I also understand what the nurse practitioner was telling me when she told me that being early had saved their lives.  Because as much as I had wished Addie had been home with me in her perfect crib, I now realized that if she had gone from fussy to so sick she couldn’t breathe in a matter of hours at home, we probably would have lost her.  My empty arms those nights meant she was surrounded by nurses and doctors who were equipped with the machines needed to save her.  Everything that had seemed so sad now seemed like part of the plan to keep her alive and I had a whole new perspective on everything.

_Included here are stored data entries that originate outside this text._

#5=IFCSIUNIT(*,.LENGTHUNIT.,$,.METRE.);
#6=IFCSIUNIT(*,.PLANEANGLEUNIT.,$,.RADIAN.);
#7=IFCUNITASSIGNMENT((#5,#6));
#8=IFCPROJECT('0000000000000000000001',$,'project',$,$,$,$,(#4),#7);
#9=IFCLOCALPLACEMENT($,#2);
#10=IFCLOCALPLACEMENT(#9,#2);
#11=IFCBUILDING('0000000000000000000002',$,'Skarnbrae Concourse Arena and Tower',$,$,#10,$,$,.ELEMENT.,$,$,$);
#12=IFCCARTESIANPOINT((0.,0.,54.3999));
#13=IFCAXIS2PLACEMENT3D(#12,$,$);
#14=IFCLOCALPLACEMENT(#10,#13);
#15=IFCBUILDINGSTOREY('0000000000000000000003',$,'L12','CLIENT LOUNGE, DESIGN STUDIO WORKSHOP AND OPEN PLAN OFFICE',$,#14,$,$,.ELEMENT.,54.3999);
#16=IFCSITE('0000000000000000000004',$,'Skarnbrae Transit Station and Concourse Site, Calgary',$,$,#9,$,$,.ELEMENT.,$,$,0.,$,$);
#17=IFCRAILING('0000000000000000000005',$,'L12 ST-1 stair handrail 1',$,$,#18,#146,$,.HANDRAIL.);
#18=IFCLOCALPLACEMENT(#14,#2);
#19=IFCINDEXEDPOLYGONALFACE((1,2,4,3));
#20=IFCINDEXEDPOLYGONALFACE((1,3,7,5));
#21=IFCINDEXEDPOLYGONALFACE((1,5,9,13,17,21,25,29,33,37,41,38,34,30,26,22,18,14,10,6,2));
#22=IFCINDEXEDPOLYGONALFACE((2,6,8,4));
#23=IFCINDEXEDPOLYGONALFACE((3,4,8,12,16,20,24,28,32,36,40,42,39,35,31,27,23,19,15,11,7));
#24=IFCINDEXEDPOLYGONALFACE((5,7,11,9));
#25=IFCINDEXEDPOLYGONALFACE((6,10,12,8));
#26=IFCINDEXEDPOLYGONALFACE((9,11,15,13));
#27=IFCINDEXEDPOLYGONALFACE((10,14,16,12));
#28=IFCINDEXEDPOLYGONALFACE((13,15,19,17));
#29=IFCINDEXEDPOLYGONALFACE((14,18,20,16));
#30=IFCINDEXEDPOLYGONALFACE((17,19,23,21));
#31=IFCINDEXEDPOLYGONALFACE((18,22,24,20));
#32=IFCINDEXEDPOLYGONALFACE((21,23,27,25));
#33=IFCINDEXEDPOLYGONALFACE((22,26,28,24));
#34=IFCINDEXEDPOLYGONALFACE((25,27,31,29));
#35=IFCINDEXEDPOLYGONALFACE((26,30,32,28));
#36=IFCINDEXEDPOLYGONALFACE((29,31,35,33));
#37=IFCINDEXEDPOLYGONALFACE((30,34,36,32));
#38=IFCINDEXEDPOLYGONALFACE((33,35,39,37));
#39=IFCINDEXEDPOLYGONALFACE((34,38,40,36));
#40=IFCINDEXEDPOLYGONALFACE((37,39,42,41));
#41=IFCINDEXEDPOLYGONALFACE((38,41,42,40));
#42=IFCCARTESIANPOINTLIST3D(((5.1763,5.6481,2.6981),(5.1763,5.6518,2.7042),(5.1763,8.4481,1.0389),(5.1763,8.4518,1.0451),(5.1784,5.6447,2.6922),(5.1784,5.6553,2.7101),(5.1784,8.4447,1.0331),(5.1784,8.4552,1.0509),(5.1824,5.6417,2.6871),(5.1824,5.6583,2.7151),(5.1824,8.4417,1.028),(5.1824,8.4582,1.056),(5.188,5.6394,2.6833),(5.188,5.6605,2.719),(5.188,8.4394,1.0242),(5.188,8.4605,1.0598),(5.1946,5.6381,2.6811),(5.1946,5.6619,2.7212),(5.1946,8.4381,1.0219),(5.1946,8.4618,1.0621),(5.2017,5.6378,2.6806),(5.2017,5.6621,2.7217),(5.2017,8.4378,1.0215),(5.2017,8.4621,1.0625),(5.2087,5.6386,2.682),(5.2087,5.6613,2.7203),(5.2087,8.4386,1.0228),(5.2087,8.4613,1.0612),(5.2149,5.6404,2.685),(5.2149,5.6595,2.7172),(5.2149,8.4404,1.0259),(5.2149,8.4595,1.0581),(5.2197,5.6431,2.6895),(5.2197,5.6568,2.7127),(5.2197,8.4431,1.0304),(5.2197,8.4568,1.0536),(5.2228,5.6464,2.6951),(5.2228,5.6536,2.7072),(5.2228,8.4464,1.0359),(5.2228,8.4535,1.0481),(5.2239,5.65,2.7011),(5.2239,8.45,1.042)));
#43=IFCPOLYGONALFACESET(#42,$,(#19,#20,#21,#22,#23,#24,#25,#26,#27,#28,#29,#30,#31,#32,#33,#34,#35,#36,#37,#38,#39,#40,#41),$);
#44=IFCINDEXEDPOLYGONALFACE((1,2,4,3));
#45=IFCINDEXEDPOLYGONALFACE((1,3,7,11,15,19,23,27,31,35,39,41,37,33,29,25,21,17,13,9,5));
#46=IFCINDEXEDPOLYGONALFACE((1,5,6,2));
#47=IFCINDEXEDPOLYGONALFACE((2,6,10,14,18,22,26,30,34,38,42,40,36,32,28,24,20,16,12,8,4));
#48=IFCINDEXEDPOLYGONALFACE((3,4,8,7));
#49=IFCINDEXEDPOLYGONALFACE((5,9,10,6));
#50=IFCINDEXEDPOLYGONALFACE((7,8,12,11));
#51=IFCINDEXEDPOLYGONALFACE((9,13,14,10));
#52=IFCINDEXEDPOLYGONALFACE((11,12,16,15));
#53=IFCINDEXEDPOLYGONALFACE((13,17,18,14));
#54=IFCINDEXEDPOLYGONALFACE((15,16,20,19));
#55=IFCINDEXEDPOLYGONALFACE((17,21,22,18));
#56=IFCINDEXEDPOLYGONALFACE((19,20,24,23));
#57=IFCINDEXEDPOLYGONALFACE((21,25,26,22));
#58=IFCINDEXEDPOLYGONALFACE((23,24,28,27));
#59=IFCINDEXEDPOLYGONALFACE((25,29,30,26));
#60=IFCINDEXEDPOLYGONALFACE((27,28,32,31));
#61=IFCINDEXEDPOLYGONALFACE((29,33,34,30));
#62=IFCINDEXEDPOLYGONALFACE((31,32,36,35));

It was a crazy night.  Addie got better almost as quickly as she got sick.  The ventilator took away the concern about breathing and the IV antibiotics started to attack the Strep B infection she was battling. By the middle of the night, she seemed to have achieved at least a tenuous stability.  Once we were all breathing a faint sigh of relief, the doctors talked to us about moving to the big hospital in the city.  Up to this point, we were at the local Woodlands hospital where they were born.  It was 15 minutes from our house and while it had a good NICU, there were many things the big downtown hospital had that our smaller one just did not. There were kidney doctors there.  There were surgeons there.  There were infectious disease doctors there.  There were neurologists there.  There were 100 sick babies there.  Our small close by NICU just would not be able to provide the care Max and Addie would need.

So at 4 in the morning, Al and I followed the ambulance in his mustang to our new hospital, scared and overwhelmed. Within one day we had gone from feeling like this whole kidney thing surely wasn’t that big of a deal to seeing our daughter critically ill and realizing that driving an hour away to the big scary hospital was now part of our new very unwanted and terrifying reality.

Things were going to get better.  Quite quickly actually. We would settle into the big hospital and be so glad we were there. Addie would recover just fine and go on to have a great few months there.  Max would get help, great care and love there. But you could not have convinced us of that during the silent trip following the ambulance. Never had our beautiful ordinary dreams seemed so far away and never had our new reality seemed so unfathomably sad and frightening.